Par ailleurs pourquoi affirmer que ceux qui se fondent sur leur expérience personnelle le ferai avec comme objectif: « j’ai des patients qui souffraient, j’ai fait ceci et ça a réussi, donc j’applique cette théorie à tous les autres »? La clinique, ses observations, ses incertitudes et ses hypothèses sont elles sans valeur? Et pourquoi les cliniciens ne chercheraient ils qu’à se faire mousser en valorisant leurs recettes miracles?

Enfin et surtout: vous parlez d’approche scientifique de l’occlusion. Je vous mets au défi de nous proposer une et une seule étude scientifique de l’occlusion. Au sens de scientifique: reproductible par n’importe quel expérimentateur dans les mêmes conditions.
Je le regrette autant que vous, l’occlusion n’est pas une discipline scientifique. Alors oui bien sûr on peut mettre en place des expérimentations, tout faire pour que les matériels et méthodes soient les plus proches possible de conditions scientifiques, et faire des statistiques bien conduites…mais cela ne fait pas pour autant une étude scientifique.

On est en clinique. Et si la connaissance de la bibliographie est un préalable indispensable, cela ne suffit pas.

Les réciteurs de bibliographies sont-ils plus utiles en conférence que les matamores qui prétendent soulager tout le monde?
Cordialement et merci pour votre remarque

fbauer

Je vous remercie de vos précisions qui me confortent dans mon idée de l’occlusion, à savoir que, comme vous l’écrivez : « l’occlusion n’est pas une discipline scientifique. » Alors que doit faire, selon vous, un expert judiciaire confronté à ces problèmes. En effet c’est malheureusement là que l’on se trouve au contact de personnes croyant détenir la vérité scientifique. Il serait bon que votre vision soit plus largement répandue !

François UNGER

Je ne suis pas expert judiciaire et je me garderai bien de donner des conseils sachant par ailleurs les exigences de cette fonction. Mais pour répondre à votre question « que faire vis à vis de personnes qui croient détenir la vérité », je dirai: qu’elles prouvent leur vérité!
Au sens de prouver: reproduire des choses identiques dans des situations identiques, indépendamment de opérateur.
Si ce n’est pas possible il y a tout lieu de penser que la vérité ne soit pas là, même si quelques éléments appellent discussion. Et puis, quand on est sûr de sa vérité, ne faut il pas en assumer les conséquences?
Mais je compatis à votre difficulté car il est très souvent aussi impossible de prouver que c’est une contre vérité.

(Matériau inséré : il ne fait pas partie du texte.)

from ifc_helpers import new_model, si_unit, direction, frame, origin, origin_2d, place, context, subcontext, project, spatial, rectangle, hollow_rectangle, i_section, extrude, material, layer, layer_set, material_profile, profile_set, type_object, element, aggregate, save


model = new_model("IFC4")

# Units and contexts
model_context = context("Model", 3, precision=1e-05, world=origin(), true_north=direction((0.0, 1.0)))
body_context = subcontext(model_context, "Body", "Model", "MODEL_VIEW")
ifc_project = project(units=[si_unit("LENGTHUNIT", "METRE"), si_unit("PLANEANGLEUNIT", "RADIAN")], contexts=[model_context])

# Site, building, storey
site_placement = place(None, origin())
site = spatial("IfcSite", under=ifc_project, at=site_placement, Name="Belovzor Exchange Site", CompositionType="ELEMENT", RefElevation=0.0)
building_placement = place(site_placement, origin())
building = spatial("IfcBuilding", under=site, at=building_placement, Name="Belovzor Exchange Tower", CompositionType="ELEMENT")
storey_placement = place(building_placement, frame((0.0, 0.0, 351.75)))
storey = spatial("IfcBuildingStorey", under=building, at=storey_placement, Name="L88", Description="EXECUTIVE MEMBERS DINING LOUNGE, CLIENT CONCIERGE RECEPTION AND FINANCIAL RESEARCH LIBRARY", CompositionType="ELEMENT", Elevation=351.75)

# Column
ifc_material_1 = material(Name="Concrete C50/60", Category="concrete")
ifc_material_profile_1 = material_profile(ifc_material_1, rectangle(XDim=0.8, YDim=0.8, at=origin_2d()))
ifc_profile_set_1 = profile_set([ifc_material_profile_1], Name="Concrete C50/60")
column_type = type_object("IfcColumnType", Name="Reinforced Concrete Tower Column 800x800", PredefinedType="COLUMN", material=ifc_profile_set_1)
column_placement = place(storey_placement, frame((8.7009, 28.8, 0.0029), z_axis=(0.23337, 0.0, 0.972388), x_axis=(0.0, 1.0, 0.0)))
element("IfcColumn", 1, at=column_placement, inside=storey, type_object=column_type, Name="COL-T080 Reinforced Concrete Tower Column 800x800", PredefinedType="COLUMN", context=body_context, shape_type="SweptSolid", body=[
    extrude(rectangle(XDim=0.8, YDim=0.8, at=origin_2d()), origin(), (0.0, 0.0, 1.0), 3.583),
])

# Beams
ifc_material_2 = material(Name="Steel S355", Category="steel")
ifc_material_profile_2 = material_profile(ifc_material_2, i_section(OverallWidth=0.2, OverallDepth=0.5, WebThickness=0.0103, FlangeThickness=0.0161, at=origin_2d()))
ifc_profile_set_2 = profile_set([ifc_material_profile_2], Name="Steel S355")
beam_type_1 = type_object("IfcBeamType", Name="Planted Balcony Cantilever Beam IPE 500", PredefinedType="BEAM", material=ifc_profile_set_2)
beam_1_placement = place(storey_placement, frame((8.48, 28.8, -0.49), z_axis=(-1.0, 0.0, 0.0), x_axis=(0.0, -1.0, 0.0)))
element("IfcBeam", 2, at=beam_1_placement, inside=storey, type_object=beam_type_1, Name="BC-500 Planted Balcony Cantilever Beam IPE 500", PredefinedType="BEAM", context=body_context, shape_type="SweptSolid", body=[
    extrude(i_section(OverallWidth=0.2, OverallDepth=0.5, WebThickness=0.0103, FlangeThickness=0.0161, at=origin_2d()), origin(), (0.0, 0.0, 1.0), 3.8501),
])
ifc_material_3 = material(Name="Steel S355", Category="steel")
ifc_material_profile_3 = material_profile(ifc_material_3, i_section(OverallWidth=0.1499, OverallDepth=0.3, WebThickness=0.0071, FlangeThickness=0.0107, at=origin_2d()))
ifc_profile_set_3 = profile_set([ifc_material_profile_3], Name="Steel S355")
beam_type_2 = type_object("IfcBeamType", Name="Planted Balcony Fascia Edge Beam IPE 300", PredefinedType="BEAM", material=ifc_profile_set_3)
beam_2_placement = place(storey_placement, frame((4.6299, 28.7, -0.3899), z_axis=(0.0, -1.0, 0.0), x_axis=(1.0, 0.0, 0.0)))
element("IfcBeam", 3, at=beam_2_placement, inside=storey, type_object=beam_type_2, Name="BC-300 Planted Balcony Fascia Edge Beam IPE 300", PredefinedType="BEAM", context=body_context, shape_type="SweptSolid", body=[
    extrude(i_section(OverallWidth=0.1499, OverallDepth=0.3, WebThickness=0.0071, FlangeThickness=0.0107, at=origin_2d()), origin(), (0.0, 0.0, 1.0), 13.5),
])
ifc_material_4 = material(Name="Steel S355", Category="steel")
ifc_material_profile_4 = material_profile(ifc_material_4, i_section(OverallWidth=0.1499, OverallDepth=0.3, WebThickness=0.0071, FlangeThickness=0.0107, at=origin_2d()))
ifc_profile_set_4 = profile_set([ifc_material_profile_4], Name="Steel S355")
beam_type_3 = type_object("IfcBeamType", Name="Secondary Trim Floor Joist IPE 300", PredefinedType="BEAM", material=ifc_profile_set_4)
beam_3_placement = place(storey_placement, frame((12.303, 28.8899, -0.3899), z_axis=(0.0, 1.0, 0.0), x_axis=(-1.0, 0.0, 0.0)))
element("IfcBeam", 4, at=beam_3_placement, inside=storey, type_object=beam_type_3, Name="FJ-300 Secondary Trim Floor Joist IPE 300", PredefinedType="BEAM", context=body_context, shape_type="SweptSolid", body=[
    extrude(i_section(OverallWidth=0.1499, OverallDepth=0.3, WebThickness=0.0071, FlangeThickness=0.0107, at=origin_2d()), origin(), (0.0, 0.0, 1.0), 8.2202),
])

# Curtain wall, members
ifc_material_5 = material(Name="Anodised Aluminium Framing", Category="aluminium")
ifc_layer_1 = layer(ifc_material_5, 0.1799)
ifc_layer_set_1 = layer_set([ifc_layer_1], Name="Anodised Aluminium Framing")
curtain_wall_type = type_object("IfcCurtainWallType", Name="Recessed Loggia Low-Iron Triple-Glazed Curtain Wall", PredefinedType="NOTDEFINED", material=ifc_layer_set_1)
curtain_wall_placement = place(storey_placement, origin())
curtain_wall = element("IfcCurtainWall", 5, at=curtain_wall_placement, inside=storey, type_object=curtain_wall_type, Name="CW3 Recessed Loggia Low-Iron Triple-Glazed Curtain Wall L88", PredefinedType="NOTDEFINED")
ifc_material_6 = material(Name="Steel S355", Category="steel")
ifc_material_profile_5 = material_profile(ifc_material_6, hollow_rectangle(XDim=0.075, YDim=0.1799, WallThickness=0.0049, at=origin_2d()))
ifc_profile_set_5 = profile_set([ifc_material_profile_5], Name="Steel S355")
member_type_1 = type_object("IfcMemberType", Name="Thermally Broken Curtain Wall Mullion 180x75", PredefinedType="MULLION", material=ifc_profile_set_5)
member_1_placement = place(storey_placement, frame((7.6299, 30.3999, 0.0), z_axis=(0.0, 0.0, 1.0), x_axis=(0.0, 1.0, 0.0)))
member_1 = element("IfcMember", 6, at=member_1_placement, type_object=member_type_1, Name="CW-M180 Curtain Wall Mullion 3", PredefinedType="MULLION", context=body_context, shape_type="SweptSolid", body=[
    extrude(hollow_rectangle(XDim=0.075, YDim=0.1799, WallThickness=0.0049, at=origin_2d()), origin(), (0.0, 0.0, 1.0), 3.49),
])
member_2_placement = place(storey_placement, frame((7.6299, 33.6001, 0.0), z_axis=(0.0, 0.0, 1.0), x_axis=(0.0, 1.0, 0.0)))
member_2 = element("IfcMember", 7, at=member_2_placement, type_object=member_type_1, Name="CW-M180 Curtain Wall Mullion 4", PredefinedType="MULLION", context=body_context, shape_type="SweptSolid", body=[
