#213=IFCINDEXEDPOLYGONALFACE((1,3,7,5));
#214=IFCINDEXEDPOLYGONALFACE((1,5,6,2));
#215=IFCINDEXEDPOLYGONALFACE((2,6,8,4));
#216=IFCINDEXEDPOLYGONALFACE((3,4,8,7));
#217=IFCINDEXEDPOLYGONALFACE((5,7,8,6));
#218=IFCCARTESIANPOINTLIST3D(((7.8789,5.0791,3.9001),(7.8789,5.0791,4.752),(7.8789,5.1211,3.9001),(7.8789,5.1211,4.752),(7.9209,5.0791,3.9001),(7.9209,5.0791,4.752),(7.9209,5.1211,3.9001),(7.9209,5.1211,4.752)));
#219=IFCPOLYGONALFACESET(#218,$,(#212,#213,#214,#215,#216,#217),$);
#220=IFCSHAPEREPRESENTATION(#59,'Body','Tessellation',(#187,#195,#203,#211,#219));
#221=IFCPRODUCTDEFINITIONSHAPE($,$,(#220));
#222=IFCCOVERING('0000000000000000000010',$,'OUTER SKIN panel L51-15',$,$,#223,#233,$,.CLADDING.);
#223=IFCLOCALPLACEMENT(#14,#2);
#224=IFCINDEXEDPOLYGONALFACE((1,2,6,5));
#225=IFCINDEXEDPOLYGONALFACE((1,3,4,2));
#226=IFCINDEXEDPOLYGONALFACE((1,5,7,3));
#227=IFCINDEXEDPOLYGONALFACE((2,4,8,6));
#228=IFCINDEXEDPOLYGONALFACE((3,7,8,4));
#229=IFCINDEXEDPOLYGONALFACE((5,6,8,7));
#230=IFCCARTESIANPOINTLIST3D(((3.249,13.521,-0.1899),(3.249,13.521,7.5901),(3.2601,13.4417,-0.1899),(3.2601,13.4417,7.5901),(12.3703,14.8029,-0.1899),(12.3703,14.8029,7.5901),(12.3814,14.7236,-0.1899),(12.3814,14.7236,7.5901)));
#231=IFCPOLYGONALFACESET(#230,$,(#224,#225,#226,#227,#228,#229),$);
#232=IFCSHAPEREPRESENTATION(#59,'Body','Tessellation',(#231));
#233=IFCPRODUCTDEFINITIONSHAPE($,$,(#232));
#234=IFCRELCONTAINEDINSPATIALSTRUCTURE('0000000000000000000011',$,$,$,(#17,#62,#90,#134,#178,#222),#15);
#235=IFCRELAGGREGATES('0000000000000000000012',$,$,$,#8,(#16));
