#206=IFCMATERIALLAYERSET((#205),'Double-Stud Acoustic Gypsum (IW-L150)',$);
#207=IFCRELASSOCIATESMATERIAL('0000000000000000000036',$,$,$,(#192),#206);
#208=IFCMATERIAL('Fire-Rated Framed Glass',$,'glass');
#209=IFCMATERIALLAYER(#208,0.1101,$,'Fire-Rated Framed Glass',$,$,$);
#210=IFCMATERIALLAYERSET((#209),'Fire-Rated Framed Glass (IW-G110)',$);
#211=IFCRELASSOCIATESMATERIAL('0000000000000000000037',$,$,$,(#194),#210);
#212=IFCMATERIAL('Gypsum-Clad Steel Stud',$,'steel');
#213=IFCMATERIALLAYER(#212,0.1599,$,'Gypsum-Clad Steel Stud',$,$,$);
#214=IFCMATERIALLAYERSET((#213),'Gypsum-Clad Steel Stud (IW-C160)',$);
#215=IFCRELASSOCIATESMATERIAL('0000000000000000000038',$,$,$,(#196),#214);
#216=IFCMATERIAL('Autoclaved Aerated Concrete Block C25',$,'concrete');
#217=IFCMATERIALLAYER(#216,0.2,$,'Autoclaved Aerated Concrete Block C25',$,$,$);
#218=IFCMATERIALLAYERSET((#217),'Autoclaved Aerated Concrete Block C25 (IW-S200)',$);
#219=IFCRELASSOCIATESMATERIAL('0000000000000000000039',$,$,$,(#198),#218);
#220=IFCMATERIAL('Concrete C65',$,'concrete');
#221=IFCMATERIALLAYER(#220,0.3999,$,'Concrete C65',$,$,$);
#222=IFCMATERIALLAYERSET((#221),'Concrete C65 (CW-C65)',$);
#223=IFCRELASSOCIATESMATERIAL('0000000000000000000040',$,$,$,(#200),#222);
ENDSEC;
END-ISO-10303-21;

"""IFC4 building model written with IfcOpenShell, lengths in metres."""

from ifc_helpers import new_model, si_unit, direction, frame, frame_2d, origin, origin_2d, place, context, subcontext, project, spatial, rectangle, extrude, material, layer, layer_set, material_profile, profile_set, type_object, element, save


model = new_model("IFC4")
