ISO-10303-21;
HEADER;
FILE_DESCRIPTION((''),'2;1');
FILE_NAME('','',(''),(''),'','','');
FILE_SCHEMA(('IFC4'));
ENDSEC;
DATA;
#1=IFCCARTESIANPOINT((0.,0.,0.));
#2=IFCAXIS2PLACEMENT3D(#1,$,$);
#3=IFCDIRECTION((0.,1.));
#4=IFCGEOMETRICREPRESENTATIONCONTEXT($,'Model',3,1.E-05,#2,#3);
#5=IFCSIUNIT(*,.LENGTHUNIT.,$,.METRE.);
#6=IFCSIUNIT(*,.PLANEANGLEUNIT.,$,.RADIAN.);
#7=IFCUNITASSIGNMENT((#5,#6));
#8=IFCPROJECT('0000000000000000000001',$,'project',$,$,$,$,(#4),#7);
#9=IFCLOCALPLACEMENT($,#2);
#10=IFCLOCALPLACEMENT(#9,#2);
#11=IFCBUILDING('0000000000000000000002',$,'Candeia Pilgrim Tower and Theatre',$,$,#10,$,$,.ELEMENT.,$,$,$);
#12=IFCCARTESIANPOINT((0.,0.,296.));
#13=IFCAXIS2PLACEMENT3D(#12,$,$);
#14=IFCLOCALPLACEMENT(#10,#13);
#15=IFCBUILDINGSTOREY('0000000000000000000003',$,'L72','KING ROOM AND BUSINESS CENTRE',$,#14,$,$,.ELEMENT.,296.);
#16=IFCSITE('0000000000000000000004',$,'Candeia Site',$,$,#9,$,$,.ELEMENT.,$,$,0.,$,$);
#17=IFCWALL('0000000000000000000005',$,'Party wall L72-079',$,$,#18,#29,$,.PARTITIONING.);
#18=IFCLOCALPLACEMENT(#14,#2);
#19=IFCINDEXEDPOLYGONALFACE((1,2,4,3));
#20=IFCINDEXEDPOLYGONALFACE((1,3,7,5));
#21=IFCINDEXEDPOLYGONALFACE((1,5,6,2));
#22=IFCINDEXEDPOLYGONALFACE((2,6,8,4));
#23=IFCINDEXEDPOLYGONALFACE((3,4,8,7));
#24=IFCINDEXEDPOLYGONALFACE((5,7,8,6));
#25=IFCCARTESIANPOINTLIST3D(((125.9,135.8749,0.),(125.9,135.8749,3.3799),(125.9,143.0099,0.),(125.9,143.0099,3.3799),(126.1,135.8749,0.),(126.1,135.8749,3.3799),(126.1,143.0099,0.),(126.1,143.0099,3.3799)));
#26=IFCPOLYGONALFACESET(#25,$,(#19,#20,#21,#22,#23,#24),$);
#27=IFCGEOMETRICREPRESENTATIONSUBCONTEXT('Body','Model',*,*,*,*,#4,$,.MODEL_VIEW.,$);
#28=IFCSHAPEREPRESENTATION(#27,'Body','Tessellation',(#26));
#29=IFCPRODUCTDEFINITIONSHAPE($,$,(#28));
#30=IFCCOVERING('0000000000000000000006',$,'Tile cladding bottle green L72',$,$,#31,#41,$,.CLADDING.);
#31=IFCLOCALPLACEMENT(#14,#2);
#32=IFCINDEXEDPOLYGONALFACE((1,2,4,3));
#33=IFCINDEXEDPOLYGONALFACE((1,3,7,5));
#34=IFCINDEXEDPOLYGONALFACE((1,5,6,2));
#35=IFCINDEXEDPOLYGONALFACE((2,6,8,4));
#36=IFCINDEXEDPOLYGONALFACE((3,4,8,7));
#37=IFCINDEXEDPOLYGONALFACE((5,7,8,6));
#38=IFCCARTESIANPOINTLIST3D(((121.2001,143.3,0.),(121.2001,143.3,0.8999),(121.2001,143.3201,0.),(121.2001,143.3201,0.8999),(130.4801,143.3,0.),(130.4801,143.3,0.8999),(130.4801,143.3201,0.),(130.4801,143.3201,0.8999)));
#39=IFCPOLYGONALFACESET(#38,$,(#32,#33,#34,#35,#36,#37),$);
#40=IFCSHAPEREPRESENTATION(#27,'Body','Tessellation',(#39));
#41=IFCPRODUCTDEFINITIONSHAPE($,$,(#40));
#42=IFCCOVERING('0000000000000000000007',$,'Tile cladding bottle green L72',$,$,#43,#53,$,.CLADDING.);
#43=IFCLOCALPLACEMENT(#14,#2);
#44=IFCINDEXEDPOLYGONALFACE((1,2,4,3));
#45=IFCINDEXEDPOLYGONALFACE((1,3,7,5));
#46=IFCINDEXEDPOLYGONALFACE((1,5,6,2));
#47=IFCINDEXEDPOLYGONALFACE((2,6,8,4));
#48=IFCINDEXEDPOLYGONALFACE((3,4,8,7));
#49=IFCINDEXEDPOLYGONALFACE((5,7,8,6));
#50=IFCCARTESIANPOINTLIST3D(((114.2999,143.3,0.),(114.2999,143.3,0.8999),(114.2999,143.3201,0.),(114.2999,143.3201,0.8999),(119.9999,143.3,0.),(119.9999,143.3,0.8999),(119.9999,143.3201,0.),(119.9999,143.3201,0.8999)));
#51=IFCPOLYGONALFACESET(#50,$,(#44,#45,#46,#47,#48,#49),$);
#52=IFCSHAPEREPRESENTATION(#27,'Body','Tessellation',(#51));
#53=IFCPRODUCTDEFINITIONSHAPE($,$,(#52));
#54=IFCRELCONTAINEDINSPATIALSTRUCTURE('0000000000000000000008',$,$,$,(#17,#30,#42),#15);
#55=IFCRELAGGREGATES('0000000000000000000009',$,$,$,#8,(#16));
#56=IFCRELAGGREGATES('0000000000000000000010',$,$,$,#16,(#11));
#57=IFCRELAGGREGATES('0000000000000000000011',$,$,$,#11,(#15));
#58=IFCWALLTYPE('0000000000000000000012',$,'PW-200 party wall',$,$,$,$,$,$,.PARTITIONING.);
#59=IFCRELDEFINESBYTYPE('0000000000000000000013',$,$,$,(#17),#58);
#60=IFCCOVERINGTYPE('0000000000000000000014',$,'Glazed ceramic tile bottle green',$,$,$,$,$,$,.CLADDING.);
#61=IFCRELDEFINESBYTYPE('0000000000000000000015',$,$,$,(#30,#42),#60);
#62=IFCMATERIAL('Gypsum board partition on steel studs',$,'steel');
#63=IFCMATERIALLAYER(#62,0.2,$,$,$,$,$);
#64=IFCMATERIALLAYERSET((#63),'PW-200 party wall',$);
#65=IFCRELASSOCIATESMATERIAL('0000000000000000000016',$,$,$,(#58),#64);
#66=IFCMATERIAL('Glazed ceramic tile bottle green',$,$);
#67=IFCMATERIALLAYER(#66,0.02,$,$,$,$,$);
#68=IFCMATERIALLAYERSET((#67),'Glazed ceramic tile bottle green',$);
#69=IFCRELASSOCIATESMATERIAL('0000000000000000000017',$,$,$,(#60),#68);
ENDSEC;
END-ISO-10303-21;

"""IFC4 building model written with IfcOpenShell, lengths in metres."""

from ifc_helpers import new_model, si_unit, direction, frame, frame_2d, origin, origin_2d, place, context, subcontext, project, spatial, rectangle, extrude, material, layer, layer_set, type_object, element, save


model = new_model("IFC4")

# Units and contexts
model_context = context("Model", 3, precision=1e-05, world=origin(), true_north=direction((0.0, 1.0)))
body_context = subcontext(model_context, "Body", "Model", "MODEL_VIEW")
ifc_project = project(units=[si_unit("LENGTHUNIT", "METRE"), si_unit("PLANEANGLEUNIT", "RADIAN")], contexts=[model_context])

# Site, building, storey
site_placement = place(None, origin())
site = spatial("IfcSite", under=ifc_project, at=site_placement, Name="Candeia Site", CompositionType="ELEMENT", RefElevation=0.0)
building_placement = place(site_placement, origin())
building = spatial("IfcBuilding", under=site, at=building_placement, Name="Candeia Pilgrim Tower and Theatre", CompositionType="ELEMENT")
storey_placement = place(building_placement, frame((0.0, 0.0, 296.0)))
storey = spatial("IfcBuildingStorey", under=building, at=storey_placement, Name="L72", Description="KING ROOM AND BUSINESS CENTRE", CompositionType="ELEMENT", Elevation=296.0)

# Shared definitions
ifc_material_1 = material(Name="Gypsum board partition on steel studs", Category="steel")

# Wall
ifc_layer_1 = layer(ifc_material_1, 0.2)
ifc_layer_set_1 = layer_set([ifc_layer_1], Name="PW-200 party wall")
wall_type_1 = type_object("IfcWallType", Name="PW-200 party wall", PredefinedType="PARTITIONING", material=ifc_layer_set_1)
for number, where, z_axis, x_axis, name in (
    (1, (126.0, 135.875, 0.0), (0.0, 0.0, 1.0), (0.0, 1.0, 0.0), "Party wall L72-079"),
):
    element("IfcWall", number, at=place(storey_placement, frame(where, z_axis=z_axis, x_axis=x_axis)), inside=storey, type_object=wall_type_1, Name=name, PredefinedType="PARTITIONING", context=body_context, shape_type="SweptSolid", body=[
        extrude(rectangle(XDim=7.135, YDim=0.2, at=frame_2d((3.5674, 0.0))), origin(), (0.0, 0.0, 1.0), 3.3799),
    ])

# Coverings
ifc_material_2 = material(Name="Glazed ceramic tile bottle green")
ifc_layer_2 = layer(ifc_material_2, 0.02)
ifc_layer_set_2 = layer_set([ifc_layer_2], Name="Glazed ceramic tile bottle green")
covering_type = type_object("IfcCoveringType", Name="Glazed ceramic tile bottle green", PredefinedType="CLADDING", material=ifc_layer_set_2)
covering_1_placement = place(storey_placement, frame((125.8401, 143.3101, 0.0), z_axis=(0.0, 0.0, 1.0), x_axis=(-1.0, 0.0, 0.0)))
element("IfcCovering", 2, at=covering_1_placement, inside=storey, type_object=covering_type, Name="Tile cladding bottle green L72", PredefinedType="CLADDING", context=body_context, shape_type="SweptSolid", body=[
    extrude(rectangle(XDim=9.28, YDim=0.02, at=origin_2d()), origin(), (0.0, 0.0, 1.0), 0.8999),
])
covering_2_placement = place(storey_placement, frame((117.1499, 143.3101, 0.0), z_axis=(0.0, 0.0, 1.0), x_axis=(-1.0, 0.0, 0.0)))
element("IfcCovering", 3, at=covering_2_placement, inside=storey, type_object=covering_type, Name="Tile cladding bottle green L72", PredefinedType="CLADDING", context=body_context, shape_type="SweptSolid", body=[
    extrude(rectangle(XDim=5.7, YDim=0.02, at=origin_2d()), origin(), (0.0, 0.0, 1.0), 0.8999),
])

save(model, "model.ifc")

Alors il reste l’humain et je dois vous dire que les matamores de la certitude, de toutes les certitudes, ces thérapeutes ou conférenciers qui ne doutent de rien, qui jouent en toute bonne conscience avec la santé des autres, pour quelques billets ou quelques miettes de notoriété, je trouve qu’on en fait pas assez pour limiter leurs actions.

Mais je reconnais que l’occluso est un domaine particulèrement difficile pour établir un champ consensuel. Même la HAS n’y est pas parvenue pour les simples orthèses!